# Duda con mixer de 2 canales



## Andero6 (Feb 23, 2016)

Tengo una actividad de realizar un mezclador de sonido o mixer, he visto varios circuitos*,* encontre uno de 4 canales sencillo con un amplificiador Amplificador fet tl081cp (U1), se encuentra conectado en forma de sumador.

*M*i pregunta est*á* en lo siguiente:

*Dó*nde me encuentro est*á*n escasos los componentes, entonces tengo a la mano un LM358p, ¿este a*m*plificador puede funcionar para hacer el mixer con las conexiones q*ue* salen en el modelo? ¿habrá que agregarle otra cosa?


Aqui dejo el modelo con el q*ue*  me estoy guiando.


----------



## NanoMalmsteen (Feb 23, 2016)

Buenas!!.

 Como andas Andero6 ?.

 Mira hace pocos dias hice un sumador similar, pero con un integrado TL072.

Lo bueno de este sumador es que es estereo.

Otra ventaja, ya que dijiste que se complicaba conseguir componentes, es que si no conseguis el TL 072, podes usar un 4558, o un TL 062 o un TL 082, alguno tiene que haber... jaja!
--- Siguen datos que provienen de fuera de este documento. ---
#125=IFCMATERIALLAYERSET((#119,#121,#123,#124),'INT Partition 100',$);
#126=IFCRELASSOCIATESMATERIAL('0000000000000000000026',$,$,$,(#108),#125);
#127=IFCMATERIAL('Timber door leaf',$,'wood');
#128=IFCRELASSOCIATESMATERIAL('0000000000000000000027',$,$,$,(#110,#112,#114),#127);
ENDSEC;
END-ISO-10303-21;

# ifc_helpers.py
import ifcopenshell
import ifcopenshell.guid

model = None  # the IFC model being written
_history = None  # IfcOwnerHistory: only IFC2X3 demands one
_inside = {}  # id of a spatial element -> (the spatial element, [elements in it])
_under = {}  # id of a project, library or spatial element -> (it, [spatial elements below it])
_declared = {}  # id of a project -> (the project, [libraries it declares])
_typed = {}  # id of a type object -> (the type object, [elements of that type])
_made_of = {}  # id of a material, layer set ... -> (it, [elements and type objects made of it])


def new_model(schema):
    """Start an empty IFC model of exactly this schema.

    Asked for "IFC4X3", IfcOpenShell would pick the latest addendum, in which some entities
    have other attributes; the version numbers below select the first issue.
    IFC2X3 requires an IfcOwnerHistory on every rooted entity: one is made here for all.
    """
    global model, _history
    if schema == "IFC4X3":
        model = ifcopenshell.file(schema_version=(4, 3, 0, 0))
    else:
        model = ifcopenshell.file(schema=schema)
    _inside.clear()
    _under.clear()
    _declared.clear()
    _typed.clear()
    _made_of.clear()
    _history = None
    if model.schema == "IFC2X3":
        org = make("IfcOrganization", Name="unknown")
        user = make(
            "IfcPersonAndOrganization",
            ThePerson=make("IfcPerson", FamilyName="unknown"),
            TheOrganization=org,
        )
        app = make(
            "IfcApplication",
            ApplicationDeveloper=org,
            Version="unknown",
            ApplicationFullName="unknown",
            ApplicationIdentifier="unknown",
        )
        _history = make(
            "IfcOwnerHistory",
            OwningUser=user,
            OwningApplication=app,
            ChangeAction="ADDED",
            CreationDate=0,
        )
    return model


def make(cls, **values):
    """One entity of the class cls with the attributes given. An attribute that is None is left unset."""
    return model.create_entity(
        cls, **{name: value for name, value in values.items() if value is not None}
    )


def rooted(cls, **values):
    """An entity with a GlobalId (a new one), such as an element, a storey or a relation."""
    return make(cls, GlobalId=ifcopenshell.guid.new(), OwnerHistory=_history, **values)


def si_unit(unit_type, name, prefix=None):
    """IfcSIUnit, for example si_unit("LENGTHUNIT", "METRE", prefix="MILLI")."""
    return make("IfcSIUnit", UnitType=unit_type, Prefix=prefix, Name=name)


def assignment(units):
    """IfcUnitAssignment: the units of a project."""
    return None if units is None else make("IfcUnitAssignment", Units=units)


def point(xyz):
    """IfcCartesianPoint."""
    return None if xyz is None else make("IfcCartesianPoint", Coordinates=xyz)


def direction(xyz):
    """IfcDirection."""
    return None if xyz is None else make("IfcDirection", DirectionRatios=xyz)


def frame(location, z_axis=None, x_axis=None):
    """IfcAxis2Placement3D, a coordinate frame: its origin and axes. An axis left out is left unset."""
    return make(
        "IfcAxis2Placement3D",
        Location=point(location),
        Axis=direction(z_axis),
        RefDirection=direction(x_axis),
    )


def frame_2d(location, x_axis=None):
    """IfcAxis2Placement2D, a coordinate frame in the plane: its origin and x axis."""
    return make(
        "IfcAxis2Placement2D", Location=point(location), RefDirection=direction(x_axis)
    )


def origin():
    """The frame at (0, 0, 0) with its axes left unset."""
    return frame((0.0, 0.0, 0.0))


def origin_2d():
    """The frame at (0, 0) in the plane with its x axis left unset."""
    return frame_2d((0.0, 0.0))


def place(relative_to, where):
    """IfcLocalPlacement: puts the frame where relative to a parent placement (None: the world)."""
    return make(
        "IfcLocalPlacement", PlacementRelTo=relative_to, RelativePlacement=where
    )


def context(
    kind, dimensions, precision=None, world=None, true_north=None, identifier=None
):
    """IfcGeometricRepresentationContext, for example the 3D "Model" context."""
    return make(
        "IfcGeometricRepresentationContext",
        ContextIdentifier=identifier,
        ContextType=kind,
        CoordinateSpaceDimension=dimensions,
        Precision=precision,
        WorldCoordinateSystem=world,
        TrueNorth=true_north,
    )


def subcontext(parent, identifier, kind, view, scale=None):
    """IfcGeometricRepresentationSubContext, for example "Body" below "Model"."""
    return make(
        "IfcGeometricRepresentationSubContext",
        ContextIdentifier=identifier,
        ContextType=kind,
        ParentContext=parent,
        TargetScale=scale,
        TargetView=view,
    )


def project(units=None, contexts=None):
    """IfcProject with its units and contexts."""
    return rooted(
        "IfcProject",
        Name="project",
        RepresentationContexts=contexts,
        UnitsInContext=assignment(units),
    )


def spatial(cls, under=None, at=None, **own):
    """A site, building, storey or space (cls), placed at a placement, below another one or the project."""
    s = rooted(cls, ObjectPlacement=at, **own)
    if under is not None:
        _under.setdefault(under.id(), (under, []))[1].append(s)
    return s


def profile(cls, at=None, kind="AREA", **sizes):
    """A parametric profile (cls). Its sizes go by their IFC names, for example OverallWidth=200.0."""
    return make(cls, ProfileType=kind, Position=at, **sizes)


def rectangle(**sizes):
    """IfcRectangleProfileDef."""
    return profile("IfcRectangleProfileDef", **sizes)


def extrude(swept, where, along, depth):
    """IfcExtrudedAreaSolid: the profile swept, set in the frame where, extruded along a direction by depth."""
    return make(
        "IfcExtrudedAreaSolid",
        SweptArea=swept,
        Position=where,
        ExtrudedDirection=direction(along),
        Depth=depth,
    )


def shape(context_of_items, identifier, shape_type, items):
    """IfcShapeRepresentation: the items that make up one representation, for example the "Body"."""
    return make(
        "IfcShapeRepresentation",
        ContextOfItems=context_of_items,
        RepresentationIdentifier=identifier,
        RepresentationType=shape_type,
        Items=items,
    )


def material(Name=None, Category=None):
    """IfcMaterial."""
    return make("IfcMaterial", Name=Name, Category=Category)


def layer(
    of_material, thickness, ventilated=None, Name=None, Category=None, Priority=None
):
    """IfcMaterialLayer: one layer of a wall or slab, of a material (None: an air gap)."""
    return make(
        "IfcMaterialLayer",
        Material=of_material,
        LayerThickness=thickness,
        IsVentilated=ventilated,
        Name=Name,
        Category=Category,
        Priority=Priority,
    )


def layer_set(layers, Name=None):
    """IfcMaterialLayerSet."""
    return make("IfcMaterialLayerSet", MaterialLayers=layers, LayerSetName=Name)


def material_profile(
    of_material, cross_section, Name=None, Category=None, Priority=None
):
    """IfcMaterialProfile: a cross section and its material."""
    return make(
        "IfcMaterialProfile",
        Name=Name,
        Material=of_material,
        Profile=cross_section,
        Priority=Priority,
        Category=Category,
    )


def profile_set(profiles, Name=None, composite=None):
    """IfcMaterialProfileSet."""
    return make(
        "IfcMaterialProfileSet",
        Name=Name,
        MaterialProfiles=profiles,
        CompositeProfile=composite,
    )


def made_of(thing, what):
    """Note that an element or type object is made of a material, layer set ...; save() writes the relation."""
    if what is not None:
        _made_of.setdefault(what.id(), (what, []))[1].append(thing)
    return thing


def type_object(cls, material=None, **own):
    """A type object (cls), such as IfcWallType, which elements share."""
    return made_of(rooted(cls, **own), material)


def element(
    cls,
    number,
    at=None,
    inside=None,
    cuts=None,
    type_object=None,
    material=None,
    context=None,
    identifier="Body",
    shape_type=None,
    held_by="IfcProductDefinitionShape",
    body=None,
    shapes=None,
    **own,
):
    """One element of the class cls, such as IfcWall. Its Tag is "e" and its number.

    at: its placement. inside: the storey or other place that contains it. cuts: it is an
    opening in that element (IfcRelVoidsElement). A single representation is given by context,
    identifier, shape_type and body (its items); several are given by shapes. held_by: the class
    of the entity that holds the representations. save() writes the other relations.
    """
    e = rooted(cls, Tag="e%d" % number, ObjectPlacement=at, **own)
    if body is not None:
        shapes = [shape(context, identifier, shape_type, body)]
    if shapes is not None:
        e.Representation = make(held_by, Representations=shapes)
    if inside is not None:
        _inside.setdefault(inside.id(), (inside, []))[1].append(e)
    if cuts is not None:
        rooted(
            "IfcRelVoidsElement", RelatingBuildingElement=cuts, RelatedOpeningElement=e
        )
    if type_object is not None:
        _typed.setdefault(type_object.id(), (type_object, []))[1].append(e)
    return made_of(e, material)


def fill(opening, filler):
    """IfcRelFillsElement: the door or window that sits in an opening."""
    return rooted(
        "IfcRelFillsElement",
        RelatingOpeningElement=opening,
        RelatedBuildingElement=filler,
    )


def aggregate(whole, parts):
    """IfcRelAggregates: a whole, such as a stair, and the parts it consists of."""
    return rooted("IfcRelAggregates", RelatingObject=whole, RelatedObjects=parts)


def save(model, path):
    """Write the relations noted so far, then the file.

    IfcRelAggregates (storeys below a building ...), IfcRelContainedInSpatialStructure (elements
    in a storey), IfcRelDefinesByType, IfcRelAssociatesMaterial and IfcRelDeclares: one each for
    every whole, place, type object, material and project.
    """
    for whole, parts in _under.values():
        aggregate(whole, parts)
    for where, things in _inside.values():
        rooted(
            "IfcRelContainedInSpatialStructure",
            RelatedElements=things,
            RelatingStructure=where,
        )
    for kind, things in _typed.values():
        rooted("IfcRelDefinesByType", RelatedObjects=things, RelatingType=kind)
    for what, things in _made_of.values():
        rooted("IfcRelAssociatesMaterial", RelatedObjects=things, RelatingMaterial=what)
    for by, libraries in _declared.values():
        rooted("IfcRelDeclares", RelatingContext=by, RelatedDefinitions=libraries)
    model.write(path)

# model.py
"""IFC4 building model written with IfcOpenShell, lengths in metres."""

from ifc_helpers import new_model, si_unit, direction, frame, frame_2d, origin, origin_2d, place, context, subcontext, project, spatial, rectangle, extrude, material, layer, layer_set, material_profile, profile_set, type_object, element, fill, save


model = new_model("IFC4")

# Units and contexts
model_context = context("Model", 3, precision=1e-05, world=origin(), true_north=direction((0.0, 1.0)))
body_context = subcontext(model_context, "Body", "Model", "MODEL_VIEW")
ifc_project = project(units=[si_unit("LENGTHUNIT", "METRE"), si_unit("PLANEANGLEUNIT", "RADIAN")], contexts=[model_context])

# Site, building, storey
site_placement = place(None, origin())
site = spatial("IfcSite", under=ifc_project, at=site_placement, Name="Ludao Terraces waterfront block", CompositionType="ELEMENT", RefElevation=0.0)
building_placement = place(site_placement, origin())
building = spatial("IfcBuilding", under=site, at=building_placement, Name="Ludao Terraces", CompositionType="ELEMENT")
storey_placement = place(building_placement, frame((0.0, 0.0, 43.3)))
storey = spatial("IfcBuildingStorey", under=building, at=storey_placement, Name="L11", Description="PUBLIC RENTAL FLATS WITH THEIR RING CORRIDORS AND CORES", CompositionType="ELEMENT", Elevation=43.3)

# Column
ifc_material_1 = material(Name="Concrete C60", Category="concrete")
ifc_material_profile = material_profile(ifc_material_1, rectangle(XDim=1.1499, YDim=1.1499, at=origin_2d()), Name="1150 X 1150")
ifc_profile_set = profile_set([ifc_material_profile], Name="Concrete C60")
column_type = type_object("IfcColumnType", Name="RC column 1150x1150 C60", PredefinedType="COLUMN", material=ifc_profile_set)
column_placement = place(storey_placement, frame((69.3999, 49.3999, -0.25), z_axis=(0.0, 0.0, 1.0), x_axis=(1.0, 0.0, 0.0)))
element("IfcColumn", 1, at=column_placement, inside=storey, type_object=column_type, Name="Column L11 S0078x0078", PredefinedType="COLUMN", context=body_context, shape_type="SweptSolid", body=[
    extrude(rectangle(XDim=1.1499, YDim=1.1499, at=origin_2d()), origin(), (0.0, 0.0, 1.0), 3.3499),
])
 Te dejo el circuito al final, en una de esas te es de utilidad.


----------



## diegomj1973 (Feb 23, 2016)

No creo que tengas mayores problemas. Solo tené presente que en el LM358P son 2 amplificadores operacionales en lugar de solamente 1 como en el TL081CP. El LM358P te serviría para montar un mixer estéreo empleando un solo integradito de 8 pines . El parámetro que se podría ver un poco más afectado empleando un solo integrado sería el crosstalk o separación estéreo.

Saludos


----------



## solaris8 (Feb 23, 2016)

si mal no recuerdo el tl081, es de entrada fet y un simple operacional y el lm358 es un dole operacional, como el tl072 pero este es de  entrada fet y bajo nivel de ruido, algo importante en un mixer..


----------



## diegomj1973 (Feb 23, 2016)

solaris8 dijo:


> si mal no recuerdo el tl081, es de entrada fet y un simple operacional y el lm358 es un dole operacional, como el tl072 pero este es de  entrada fet y bajo nivel de ruido, algo importante en un mixer..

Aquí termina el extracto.